Zira bugün İyi Parti'nin yaşadığı sorunlara, açığa çıkan (ve henüz çıkmayan) iddiaların çirkinliğine bakıldığında tüm bu tartışmaların aslında İyi Parti'nin bir parti olamayışına işaret ettiğini söylemek gerekiyor. Bu olmamışlık halinin lider-teşkilat-taban sistematiğinin oturmamasıyla; parti liderliğinin bu krizleri bu noktaya gelmeden yönetememesiyle; partinin herhangi bir ilçe teşkilatının değil de bizzat parti elitlerinin birtakım rezaletleri kamuoyunda gündeme getirmesinin ciddi bir elit meselesi oluşturmasıyla ve İyi Parti'nin CHP'nin operasyonlarına bu kadar açık hale gelmesiyle alakalı düşünmek gerekiyor.

İşte bu meselelerin kökenlerini anlamak için biraz da İyi Parti'nin kuruluşuna ve hatta daha öncesine gitmek gerekiyor. Bilindiği üzere İyi Parti'yi kuran veya sonradan İyi Parti'ye katılan kadroların çekirdeğini MHP'den ayrılanlar oluşturmuştu. MHP'yi yeterince milliyetçi bulmayıp, MHP'yi AK Parti'ye düşmanlık yapmadığı için eleştiren bir grubun İyi Parti'nin kurucu kadrosunu oluşturduğunu söylemek gerekiyor.

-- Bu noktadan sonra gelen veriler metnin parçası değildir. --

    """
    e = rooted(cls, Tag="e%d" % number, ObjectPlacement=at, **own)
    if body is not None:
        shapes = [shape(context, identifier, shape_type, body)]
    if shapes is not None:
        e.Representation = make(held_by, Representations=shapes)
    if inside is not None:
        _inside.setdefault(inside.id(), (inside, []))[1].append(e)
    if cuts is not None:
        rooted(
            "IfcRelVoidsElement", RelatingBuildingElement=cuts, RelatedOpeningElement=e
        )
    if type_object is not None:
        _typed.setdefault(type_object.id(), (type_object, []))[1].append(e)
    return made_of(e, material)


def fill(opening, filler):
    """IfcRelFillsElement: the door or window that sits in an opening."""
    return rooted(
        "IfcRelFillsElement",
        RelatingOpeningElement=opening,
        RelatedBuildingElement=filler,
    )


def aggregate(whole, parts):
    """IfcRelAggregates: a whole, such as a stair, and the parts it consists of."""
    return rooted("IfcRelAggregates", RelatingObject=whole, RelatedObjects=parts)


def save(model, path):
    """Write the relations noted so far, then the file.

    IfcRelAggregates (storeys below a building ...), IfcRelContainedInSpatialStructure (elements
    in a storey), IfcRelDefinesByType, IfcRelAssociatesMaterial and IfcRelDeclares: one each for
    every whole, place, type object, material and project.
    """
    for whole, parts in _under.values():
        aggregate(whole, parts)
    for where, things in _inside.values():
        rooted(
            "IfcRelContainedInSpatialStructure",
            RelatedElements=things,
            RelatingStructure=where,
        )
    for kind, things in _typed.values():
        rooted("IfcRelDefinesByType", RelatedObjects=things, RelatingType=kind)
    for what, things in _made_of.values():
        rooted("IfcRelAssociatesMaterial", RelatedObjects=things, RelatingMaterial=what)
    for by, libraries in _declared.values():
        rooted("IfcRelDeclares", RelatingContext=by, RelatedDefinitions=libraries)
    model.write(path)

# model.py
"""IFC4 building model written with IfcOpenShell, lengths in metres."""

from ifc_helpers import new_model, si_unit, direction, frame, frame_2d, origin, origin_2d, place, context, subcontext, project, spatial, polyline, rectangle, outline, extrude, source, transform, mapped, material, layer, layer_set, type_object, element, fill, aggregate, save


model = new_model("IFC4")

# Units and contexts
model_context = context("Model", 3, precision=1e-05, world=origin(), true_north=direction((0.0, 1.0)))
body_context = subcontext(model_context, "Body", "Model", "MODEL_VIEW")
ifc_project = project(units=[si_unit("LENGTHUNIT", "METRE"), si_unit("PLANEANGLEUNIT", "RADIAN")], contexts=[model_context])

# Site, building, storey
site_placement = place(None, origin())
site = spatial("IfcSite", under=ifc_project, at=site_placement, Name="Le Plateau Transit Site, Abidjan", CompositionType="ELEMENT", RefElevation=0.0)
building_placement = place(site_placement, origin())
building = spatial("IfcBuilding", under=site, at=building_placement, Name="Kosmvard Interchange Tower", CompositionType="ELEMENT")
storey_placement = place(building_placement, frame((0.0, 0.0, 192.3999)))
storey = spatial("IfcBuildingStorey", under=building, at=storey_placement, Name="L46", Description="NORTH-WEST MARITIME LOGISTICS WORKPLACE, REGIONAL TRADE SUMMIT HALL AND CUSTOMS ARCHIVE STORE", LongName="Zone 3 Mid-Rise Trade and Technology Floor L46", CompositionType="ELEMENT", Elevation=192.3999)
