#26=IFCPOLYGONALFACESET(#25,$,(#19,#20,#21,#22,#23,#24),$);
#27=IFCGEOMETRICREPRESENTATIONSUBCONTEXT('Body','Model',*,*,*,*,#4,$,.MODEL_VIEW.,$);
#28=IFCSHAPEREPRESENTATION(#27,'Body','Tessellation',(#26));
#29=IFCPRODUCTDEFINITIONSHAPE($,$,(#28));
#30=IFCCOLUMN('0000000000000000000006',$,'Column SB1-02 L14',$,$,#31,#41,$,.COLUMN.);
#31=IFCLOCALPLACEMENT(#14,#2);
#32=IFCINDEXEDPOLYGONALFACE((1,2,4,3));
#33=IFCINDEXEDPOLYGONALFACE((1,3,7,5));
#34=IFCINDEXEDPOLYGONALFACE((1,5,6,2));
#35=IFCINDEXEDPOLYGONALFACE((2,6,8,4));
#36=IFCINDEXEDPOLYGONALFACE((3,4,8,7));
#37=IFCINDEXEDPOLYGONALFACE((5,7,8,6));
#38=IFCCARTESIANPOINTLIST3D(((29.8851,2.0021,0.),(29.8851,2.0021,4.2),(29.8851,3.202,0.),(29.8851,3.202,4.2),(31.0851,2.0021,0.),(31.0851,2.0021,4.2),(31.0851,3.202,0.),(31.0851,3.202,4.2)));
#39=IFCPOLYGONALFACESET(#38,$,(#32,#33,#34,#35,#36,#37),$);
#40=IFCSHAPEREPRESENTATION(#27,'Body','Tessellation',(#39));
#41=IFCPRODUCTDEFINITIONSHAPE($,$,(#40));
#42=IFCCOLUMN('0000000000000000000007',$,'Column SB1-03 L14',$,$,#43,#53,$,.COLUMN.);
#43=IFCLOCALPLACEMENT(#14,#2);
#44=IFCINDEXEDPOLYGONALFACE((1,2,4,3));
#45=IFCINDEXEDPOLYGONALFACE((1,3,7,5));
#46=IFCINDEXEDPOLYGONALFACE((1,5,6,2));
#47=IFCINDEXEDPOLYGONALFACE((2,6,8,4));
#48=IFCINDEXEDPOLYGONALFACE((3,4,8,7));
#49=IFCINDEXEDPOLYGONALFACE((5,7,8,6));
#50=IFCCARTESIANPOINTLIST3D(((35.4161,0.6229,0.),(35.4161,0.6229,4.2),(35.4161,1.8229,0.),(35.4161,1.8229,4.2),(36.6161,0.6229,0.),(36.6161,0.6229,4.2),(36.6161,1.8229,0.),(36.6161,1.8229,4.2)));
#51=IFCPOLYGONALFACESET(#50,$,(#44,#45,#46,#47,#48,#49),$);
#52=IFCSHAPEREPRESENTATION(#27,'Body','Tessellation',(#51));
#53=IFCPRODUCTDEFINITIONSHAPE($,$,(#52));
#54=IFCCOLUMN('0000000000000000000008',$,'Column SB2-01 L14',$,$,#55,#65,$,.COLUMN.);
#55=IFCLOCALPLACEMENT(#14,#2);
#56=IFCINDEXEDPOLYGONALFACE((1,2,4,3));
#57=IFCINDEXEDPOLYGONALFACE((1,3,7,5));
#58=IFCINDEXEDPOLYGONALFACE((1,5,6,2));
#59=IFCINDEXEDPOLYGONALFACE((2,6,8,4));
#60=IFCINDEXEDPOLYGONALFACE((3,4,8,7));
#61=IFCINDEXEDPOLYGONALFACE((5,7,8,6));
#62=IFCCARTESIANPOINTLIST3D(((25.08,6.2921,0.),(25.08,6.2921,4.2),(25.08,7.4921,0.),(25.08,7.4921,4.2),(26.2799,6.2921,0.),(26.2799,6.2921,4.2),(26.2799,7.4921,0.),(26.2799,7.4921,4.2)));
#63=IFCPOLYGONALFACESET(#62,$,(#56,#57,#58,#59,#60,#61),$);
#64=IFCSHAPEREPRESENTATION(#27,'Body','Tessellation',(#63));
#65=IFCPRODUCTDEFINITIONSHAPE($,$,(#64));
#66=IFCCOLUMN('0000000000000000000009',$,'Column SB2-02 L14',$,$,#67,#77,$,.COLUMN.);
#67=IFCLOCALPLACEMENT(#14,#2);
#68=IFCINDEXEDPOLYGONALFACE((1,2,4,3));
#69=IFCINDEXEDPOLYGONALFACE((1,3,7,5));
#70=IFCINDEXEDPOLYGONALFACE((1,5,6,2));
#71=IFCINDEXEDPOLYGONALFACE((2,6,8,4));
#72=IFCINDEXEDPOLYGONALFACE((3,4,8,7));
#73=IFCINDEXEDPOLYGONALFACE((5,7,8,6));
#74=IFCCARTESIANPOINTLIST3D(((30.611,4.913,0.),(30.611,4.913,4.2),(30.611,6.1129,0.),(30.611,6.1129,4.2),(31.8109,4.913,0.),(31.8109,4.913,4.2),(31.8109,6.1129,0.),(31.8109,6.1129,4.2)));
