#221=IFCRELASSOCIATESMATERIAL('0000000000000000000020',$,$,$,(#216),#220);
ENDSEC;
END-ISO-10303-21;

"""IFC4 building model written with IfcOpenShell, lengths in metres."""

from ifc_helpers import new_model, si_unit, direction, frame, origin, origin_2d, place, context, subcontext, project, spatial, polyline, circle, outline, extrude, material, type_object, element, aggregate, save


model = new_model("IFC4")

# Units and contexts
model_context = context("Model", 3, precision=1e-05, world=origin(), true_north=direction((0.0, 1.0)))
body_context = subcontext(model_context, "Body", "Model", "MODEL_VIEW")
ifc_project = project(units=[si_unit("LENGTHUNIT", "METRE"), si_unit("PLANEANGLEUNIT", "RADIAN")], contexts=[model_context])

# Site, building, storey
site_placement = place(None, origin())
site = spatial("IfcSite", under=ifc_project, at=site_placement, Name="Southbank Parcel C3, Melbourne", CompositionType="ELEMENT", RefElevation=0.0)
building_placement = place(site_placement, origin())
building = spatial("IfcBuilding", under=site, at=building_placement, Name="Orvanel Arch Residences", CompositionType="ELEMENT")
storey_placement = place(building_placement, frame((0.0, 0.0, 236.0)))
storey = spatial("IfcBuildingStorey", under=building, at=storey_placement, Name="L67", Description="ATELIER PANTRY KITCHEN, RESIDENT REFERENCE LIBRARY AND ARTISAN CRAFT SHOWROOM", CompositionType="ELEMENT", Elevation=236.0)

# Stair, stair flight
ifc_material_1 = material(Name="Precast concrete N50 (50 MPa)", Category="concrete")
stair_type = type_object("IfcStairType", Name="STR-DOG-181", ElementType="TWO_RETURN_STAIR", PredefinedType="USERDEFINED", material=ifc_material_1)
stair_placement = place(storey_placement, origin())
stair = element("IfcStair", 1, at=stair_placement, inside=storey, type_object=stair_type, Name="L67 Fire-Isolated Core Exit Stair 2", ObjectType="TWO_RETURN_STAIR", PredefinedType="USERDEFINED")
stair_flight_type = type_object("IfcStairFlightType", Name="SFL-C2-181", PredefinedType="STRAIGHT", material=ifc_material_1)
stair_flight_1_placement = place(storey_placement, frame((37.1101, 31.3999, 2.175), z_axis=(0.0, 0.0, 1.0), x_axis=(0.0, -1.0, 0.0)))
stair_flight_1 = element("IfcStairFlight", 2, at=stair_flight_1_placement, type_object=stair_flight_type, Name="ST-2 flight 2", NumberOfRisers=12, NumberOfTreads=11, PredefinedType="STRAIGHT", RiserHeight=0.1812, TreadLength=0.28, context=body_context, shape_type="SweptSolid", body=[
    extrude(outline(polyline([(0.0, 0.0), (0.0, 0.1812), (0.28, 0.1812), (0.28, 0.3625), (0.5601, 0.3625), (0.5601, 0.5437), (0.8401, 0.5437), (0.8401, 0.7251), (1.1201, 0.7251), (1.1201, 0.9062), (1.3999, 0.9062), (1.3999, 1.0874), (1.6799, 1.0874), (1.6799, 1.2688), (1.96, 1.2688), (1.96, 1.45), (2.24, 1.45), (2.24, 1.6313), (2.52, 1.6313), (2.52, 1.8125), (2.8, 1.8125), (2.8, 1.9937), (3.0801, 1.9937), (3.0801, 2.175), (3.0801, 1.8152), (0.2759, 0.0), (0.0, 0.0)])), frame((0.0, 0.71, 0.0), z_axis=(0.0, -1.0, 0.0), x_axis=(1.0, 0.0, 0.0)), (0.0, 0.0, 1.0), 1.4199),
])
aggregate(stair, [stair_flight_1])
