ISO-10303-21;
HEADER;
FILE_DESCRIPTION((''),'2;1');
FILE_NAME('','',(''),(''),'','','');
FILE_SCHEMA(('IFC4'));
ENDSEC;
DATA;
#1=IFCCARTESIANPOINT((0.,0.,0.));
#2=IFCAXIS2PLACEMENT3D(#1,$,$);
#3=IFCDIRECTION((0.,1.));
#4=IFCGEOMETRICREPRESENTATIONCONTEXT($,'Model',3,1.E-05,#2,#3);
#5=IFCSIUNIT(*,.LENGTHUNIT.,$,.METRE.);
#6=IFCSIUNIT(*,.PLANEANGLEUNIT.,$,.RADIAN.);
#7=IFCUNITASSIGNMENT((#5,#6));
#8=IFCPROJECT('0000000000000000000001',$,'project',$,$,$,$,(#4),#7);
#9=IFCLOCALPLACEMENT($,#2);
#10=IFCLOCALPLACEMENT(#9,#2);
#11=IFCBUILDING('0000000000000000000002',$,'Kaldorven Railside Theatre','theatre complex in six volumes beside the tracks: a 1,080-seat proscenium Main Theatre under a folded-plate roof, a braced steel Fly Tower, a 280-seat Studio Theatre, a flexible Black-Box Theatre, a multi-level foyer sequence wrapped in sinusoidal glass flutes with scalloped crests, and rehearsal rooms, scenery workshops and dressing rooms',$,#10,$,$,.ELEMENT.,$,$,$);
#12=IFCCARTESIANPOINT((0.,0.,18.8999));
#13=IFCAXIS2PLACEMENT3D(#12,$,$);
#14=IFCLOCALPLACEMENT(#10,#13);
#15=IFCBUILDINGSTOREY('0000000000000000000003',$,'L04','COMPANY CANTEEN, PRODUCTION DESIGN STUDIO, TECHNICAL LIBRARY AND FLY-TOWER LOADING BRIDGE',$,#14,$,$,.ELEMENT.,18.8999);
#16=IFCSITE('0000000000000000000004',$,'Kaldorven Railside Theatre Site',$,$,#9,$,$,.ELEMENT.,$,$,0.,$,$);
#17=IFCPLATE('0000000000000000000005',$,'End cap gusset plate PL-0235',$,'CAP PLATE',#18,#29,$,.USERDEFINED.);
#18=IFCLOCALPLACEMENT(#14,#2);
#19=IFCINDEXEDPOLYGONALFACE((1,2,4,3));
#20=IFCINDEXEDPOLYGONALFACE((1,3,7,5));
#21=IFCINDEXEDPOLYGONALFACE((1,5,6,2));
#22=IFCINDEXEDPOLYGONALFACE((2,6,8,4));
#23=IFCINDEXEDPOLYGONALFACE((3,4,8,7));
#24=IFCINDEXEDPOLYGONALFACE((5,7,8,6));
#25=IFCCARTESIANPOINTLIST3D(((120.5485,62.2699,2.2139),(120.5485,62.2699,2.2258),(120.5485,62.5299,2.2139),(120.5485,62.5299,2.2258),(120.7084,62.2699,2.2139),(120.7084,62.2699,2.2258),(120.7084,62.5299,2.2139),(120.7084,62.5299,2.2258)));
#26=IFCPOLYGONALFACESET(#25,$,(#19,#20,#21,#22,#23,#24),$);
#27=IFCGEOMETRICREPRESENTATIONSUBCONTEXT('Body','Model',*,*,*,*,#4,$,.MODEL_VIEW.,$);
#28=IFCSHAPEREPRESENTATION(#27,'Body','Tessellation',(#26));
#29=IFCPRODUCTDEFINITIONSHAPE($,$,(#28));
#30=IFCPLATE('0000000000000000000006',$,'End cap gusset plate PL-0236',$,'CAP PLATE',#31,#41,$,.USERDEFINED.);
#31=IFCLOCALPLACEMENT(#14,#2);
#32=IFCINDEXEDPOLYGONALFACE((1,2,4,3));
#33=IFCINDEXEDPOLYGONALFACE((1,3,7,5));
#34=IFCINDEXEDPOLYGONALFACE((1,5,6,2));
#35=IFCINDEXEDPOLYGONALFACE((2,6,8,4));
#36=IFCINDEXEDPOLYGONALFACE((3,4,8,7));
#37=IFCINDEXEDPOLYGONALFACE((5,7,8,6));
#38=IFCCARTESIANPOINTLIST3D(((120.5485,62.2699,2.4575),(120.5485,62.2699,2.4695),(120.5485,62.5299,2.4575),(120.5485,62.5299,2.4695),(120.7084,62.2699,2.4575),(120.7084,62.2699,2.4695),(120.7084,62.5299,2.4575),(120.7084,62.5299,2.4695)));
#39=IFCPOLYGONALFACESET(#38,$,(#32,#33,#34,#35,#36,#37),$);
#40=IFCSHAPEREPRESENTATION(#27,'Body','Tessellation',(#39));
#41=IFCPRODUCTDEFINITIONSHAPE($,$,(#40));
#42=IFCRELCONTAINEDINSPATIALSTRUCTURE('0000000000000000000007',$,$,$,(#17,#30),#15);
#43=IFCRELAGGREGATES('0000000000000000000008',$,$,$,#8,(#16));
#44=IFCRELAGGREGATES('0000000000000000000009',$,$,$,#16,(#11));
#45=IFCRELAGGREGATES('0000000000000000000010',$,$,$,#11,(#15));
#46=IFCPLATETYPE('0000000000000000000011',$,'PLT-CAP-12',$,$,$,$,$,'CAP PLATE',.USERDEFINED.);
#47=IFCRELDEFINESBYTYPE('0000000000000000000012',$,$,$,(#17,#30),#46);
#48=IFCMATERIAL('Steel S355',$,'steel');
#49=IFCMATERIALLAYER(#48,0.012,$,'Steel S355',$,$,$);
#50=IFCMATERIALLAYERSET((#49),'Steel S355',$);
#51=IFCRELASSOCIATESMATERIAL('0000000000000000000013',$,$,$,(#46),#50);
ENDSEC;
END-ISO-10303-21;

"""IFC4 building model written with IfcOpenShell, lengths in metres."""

from ifc_helpers import new_model, si_unit, direction, frame, origin, origin_2d, place, context, subcontext, project, spatial, rectangle, extrude, material, layer, layer_set, type_object, element, save


model = new_model("IFC4")

# Units and contexts
model_context = context("Model", 3, precision=1e-05, world=origin(), true_north=direction((0.0, 1.0)))
body_context = subcontext(model_context, "Body", "Model", "MODEL_VIEW")
ifc_project = project(units=[si_unit("LENGTHUNIT", "METRE"), si_unit("PLANEANGLEUNIT", "RADIAN")], contexts=[model_context])

# Site, building, storey
site_placement = place(None, origin())
site = spatial("IfcSite", under=ifc_project, at=site_placement, Name="Kaldorven Railside Theatre Site", CompositionType="ELEMENT", RefElevation=0.0)
building_placement = place(site_placement, origin())
building = spatial("IfcBuilding", under=site, at=building_placement, Name="Kaldorven Railside Theatre", Description="theatre complex in six volumes beside the tracks: a 1,080-seat proscenium Main Theatre under a folded-plate roof, a braced steel Fly Tower, a 280-seat Studio Theatre, a flexible Black-Box Theatre, a multi-level foyer sequence wrapped in sinusoidal glass flutes with scalloped crests, and rehearsal rooms, scenery workshops and dressing rooms", CompositionType="ELEMENT")
storey_placement = place(building_placement, frame((0.0, 0.0, 18.8999)))
storey = spatial("IfcBuildingStorey", under=building, at=storey_placement, Name="L04", Description="COMPANY CANTEEN, PRODUCTION DESIGN STUDIO, TECHNICAL LIBRARY AND FLY-TOWER LOADING BRIDGE", CompositionType="ELEMENT", Elevation=18.8999)

# Shared definitions
ifc_material_1 = material(Name="Steel S355", Category="steel")

# Plates
ifc_layer_1 = layer(ifc_material_1, 0.012, Name="Steel S355")
ifc_layer_set_1 = layer_set([ifc_layer_1], Name="Steel S355")
plate_type_1 = type_object("IfcPlateType", Name="PLT-CAP-12", ElementType="CAP PLATE", PredefinedType="USERDEFINED", material=ifc_layer_set_1)
for number, where, z_axis, x_axis, name in (
    (1, (120.6284, 62.3999, 2.2139), (0.0, 0.0, 1.0), (1.0, 0.0, 0.0), "End cap gusset plate PL-0235"),
    (2, (120.6284, 62.3999, 2.4575), (0.0, 0.0, 1.0), (1.0, 0.0, 0.0), "End cap gusset plate PL-0236"),
):
    element("IfcPlate", number, at=place(storey_placement, frame(where, z_axis=z_axis, x_axis=x_axis)), inside=storey, type_object=plate_type_1, Name=name, ObjectType="CAP PLATE", PredefinedType="USERDEFINED", context=body_context, shape_type="SweptSolid", body=[
        extrude(rectangle(XDim=0.1599, YDim=0.26, at=origin_2d()), origin(), (0.0, 0.0, 1.0), 0.012),
    ])

save(model, "model.ifc")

Bu kadronun önemli kısmının özelliklerine bakıldığında henüz MHP bünyesindeyken bile AK Parti'yi Türk milliyetçiliği geleneğinin kavramları veya söylemiyle değil de CHP veya Sözcü Gazetesi ile paralel bir söylemle eleştiren isimler olarak MHP tabanından ve teşkilatlarından ayrışmalarıyla dikkatleri çeken isimler olduğu görülüyor. 2007 Cumhurbaşkanlığı ve E-Muhtıra krizlerinde de 2008 başörtüsü yasağının kaldırılması için Bahçeli liderliğindeki MHP'nin Meclis'te vesayete karşı AK Parti ile omuz omuza demokrasi ve özgürlükler mücadelesi vermesi de bu kadronun önemli bir kısmının çok da istediği bir durum değildi. Dahası 17-25 Aralık'ta da FETÖ'nün medyası, bankaları kapatılırken de birçoğu CHP'lilerle kol kola bunu protesto etmişler, bu tavırlarıyla MHP Genel Başkanı Devlet Bahçeli'nin millî muhalefet yaklaşımından farklılaşmışlardı.